Great info.  Thanks so much Old School!  I would certainly prefer to use oil for the same reasons, espeicially because I don't mind a little _character_.  I just want to protect it and thats all I care about.  I have a couple more questions:

1 - I was just going to do a spray oil, like Pam (Canola) or Generic Veggie spray.  Any diff between Veggie and Canola?  Does it matter?

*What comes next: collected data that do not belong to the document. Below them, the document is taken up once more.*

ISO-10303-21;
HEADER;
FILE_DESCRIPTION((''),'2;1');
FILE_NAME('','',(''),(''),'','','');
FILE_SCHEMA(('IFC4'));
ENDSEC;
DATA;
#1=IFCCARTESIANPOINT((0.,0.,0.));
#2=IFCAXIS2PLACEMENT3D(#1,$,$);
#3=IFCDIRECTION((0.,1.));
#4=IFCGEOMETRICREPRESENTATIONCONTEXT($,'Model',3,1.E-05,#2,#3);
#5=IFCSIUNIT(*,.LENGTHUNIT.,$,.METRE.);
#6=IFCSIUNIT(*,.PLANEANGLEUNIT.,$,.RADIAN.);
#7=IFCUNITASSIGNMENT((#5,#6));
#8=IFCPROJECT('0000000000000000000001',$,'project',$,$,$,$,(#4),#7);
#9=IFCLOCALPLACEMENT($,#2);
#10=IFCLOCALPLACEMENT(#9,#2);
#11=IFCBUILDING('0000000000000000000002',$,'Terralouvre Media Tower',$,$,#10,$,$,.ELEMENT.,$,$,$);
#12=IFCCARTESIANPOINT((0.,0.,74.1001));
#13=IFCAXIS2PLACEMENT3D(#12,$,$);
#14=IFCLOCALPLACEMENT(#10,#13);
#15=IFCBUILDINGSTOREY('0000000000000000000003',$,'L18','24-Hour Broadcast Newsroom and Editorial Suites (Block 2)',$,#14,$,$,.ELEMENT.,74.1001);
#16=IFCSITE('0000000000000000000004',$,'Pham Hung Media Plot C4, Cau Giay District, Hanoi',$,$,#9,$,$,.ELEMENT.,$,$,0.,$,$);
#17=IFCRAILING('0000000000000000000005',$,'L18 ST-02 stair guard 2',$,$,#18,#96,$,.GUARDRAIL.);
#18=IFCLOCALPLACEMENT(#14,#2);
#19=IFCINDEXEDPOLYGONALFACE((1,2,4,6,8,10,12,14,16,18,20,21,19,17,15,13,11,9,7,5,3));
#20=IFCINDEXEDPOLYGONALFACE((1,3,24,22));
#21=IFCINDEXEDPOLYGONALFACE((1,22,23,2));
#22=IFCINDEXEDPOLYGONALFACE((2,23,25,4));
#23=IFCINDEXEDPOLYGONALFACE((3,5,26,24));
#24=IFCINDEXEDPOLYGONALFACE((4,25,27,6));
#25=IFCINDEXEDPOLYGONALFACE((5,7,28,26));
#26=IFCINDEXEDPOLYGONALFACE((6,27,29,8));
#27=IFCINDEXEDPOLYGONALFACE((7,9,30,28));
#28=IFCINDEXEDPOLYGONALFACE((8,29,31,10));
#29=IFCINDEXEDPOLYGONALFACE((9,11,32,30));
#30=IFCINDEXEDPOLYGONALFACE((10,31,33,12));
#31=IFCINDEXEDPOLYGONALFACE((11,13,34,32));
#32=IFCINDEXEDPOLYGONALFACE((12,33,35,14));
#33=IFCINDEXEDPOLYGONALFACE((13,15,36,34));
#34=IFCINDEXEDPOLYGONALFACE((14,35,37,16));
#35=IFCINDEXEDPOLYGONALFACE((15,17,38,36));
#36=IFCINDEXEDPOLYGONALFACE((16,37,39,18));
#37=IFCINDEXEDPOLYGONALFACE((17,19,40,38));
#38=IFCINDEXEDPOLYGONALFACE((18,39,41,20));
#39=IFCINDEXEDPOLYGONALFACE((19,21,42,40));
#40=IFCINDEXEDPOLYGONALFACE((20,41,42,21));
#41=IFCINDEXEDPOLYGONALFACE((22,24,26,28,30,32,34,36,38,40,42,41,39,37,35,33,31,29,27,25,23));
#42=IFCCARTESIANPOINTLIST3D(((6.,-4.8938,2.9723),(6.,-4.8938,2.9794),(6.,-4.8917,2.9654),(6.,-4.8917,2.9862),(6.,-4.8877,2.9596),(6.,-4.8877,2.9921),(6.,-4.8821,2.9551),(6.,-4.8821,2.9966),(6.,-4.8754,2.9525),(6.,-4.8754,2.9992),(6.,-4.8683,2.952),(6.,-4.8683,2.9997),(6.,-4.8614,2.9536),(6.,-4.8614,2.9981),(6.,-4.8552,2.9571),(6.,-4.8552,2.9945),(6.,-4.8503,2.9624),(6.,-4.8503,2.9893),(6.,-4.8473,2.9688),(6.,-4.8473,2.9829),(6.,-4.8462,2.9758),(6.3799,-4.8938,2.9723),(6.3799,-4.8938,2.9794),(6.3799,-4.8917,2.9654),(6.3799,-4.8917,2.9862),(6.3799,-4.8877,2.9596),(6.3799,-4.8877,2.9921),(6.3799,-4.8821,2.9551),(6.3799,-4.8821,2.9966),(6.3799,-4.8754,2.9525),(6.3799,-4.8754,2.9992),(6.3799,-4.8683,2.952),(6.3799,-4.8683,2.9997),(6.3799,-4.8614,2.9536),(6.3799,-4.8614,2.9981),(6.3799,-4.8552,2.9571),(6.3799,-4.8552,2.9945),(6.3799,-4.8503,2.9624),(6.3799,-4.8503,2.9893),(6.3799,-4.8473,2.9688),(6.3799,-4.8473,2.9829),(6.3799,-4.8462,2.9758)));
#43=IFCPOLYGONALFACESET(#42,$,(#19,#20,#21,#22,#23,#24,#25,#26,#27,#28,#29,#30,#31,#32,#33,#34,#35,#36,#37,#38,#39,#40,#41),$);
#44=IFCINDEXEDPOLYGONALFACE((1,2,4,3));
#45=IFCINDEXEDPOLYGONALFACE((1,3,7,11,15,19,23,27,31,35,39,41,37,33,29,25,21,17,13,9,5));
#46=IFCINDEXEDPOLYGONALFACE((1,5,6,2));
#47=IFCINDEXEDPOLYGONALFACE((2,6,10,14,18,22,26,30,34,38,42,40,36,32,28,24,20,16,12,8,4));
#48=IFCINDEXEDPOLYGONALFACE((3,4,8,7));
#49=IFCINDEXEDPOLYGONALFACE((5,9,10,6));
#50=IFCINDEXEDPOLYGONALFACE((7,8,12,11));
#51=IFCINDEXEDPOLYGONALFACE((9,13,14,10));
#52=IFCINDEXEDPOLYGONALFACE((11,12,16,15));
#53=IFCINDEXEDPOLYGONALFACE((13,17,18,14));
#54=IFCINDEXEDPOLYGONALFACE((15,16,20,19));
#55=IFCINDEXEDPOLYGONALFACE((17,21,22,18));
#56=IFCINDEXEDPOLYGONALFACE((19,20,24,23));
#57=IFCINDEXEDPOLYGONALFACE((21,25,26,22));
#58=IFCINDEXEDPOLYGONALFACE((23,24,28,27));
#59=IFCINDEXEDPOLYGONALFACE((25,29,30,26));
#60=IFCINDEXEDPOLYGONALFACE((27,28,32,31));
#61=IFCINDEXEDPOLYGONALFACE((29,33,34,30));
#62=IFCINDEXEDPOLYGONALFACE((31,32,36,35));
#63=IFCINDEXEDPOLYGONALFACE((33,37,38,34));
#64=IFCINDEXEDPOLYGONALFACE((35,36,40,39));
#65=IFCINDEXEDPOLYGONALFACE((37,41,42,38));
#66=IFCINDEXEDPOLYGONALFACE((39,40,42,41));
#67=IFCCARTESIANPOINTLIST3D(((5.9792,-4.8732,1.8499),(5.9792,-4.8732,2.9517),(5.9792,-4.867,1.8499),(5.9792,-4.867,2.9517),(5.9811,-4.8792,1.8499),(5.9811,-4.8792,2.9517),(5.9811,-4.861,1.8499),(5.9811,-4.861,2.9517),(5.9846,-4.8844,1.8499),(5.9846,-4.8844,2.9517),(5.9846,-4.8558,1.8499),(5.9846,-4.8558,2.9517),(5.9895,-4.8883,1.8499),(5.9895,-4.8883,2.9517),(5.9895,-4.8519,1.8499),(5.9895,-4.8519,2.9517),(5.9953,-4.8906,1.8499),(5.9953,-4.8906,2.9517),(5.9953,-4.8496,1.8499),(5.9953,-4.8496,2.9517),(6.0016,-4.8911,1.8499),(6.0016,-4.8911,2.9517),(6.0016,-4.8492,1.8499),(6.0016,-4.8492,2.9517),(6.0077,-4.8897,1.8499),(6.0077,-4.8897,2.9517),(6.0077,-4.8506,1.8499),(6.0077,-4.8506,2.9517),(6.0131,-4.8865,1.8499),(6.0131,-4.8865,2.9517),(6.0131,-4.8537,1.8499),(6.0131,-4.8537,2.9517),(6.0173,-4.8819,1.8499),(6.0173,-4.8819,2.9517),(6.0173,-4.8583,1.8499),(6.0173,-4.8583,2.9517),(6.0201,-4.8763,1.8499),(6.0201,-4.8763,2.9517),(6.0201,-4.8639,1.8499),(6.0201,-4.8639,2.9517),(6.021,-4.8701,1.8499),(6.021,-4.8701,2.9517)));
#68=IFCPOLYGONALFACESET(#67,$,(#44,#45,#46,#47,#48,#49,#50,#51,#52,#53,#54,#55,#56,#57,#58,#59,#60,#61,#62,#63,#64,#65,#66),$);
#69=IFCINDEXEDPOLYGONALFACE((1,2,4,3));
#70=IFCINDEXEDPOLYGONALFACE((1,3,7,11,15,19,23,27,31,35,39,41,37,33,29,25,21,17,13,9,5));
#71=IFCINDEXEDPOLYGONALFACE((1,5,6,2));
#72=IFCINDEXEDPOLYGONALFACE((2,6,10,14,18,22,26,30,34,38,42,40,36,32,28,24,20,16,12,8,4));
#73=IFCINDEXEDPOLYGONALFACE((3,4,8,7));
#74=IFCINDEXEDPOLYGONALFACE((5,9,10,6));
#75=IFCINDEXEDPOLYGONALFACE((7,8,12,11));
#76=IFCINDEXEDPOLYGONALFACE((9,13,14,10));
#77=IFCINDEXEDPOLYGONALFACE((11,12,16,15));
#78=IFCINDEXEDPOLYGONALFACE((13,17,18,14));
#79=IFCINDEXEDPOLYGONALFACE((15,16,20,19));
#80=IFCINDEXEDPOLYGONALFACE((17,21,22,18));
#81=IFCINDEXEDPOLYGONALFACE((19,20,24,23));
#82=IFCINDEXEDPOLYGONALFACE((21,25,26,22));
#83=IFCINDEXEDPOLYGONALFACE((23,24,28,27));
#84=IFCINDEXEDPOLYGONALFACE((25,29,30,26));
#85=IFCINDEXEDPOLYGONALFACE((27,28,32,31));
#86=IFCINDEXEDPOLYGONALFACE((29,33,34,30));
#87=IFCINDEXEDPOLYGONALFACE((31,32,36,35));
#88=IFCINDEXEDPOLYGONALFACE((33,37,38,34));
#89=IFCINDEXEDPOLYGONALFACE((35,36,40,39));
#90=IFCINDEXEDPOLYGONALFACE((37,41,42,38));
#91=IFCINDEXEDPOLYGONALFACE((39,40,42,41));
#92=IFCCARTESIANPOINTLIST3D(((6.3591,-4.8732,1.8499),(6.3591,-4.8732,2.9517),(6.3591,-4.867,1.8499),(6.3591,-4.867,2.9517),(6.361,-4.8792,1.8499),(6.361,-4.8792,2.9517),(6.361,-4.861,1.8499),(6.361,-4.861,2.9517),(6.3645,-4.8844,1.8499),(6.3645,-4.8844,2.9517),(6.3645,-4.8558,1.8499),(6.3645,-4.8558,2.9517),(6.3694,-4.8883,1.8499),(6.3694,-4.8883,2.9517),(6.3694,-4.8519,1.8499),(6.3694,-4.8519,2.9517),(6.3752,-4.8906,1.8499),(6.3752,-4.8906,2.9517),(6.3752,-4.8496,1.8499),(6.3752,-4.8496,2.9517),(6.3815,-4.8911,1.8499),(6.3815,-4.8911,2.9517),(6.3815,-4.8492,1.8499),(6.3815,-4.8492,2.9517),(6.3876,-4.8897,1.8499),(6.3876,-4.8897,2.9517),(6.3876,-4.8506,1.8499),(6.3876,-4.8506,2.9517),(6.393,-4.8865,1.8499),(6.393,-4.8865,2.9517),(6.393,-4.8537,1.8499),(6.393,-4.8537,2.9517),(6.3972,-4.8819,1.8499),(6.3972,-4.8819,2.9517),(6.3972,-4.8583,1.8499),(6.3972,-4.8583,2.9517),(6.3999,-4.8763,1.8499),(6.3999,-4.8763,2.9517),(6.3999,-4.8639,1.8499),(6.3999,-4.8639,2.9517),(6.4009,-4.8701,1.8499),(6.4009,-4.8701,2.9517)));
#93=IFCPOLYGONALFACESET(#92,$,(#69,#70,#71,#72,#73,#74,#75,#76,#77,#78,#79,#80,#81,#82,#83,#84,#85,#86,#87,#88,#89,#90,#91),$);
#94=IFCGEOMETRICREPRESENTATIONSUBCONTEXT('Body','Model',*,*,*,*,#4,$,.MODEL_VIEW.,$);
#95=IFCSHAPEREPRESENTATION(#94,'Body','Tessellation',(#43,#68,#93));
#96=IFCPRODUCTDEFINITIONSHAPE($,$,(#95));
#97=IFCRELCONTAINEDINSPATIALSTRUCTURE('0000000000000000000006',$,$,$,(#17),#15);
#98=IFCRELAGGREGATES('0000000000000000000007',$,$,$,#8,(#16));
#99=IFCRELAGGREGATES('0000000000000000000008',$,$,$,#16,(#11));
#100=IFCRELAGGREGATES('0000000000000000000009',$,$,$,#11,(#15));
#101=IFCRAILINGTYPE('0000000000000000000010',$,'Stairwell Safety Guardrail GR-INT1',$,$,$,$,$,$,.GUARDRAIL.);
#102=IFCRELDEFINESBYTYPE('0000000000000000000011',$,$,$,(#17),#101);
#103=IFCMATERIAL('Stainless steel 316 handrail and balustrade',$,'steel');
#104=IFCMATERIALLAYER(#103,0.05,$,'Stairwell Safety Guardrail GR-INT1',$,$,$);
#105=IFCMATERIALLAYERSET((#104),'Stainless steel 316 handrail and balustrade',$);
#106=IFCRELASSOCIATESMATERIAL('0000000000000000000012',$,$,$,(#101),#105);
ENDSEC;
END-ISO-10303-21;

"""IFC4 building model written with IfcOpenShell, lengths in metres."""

from ifc_helpers import new_model, si_unit, direction, frame, origin, origin_2d, place, context, subcontext, project, spatial, circle, extrude, material, layer, layer_set, type_object, element, save


model = new_model("IFC4")

# Units and contexts
model_context = context("Model", 3, precision=1e-05, world=origin(), true_north=direction((0.0, 1.0)))
body_context = subcontext(model_context, "Body", "Model", "MODEL_VIEW")
ifc_project = project(units=[si_unit("LENGTHUNIT", "METRE"), si_unit("PLANEANGLEUNIT", "RADIAN")], contexts=[model_context])

# Site, building, storey
site_placement = place(None, origin())
site = spatial("IfcSite", under=ifc_project, at=site_placement, Name="Pham Hung Media Plot C4, Cau Giay District, Hanoi", CompositionType="ELEMENT", RefElevation=0.0)
building_placement = place(site_placement, origin())
building = spatial("IfcBuilding", under=site, at=building_placement, Name="Terralouvre Media Tower", CompositionType="ELEMENT")
storey_placement = place(building_placement, frame((0.0, 0.0, 74.1001)))
storey = spatial("IfcBuildingStorey", under=building, at=storey_placement, Name="L18", Description="24-Hour Broadcast Newsroom and Editorial Suites (Block 2)", CompositionType="ELEMENT", Elevation=74.1001)

# Railing
ifc_material_1 = material(Name="Stainless steel 316 handrail and balustrade", Category="steel")
ifc_layer_1 = layer(ifc_material_1, 0.05, Name="Stairwell Safety Guardrail GR-INT1")
ifc_layer_set_1 = layer_set([ifc_layer_1], Name="Stainless steel 316 handrail and balustrade")
railing_type_1 = type_object("IfcRailingType", Name="Stairwell Safety Guardrail GR-INT1", PredefinedType="GUARDRAIL", material=ifc_layer_set_1)
railing_1_placement = place(storey_placement, frame((6.0, -4.8701, 1.8499)))
element("IfcRailing", 1, at=railing_1_placement, inside=storey, type_object=railing_type_1, Name="L18 ST-02 stair guard 2", PredefinedType="GUARDRAIL", context=body_context, shape_type="SweptSolid", body=[
    extrude(circle(Radius=0.0239, at=origin_2d()), frame((0.0, 0.0, 1.126), z_axis=(1.0, 0.0, 0.0), x_axis=(0.0, 1.0, 0.0)), (0.0, 0.0, 1.0), 0.3799),
    extrude(circle(Radius=0.021, at=origin_2d()), origin(), (0.0, 0.0, 1.0), 1.1018),
    extrude(circle(Radius=0.021, at=origin_2d()), frame((0.3799, 0.0, 0.0)), (0.0, 0.0, 1.0), 1.1018),
])

save(model, "model.ifc")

2 - The next decision I need to make is whether or not to powerspray out the inside of the smoke chamber to remove all the cooked on black stuff (greases, smoke, etc), which mostly resides on the underside of the lid.  This smoker is about 6 or so years old and I'm the 3rd owner.  I know the 2nd owner only used it a couple of times over a few month period, but I also know that he had absolutely no clue what he was doing.  Your guess is as good as mine as to what the original owner did with it, or if it was ever seasoned properly to begin with.  Should I spray out all the stuff and re-season myself, or just leave it as is?  I've already scrubbed off the grates, heat diffuser, etc.  Just not sure what to do with the inside of the chamber itself.

Jeff


----------



## james1nc (Aug 15, 2014)

I personally would repaint then buy a cover then apply a lite coating of oil. as far as the inside I would never power wash all the years of flavor off my smoker ''but im the only owner of the smoker so I know whats been used in mine. you could just scrape off the inside and apply more oil then season it.


----------



## oldschoolbbq (Aug 15, 2014)

Tucker , IMHO , I would suggest Lard or Manteca (Mexican and cheaper). keep a sauce mop for this and a little pan by the Smoker to melt your Manteca. Dip and coat the discolored areas .D o this early in the fire-up so after the cook you don't have a thick coat of sticky on the outside it soaks into the exposed metal. This doesn't make my Pit a bit slick or oily unless I want to store it (like my little 16" New Braunsfel ) , then on fire-up , it will cook into the metal.

As far as the inside , never wash it, as James said. You can however take a putty knife and gently scrape the loose creosote off the sides and re-season it again. I use the Manteca for this as  well.

Have fun and . . .


----------



## james1nc (Aug 15, 2014)

when I season I start saving up bacon,sausage grease  then rub it in rub it in


----------



## moozoo (May 23, 2015)

I've often wondered about this.  My pit's showing its age, which doesn't really concern me, but I want to be sure it's protected.  Even 1/4" inch steel can eventually have issues.  Think I'll give the lard a shot.  Thanks, guys.


----------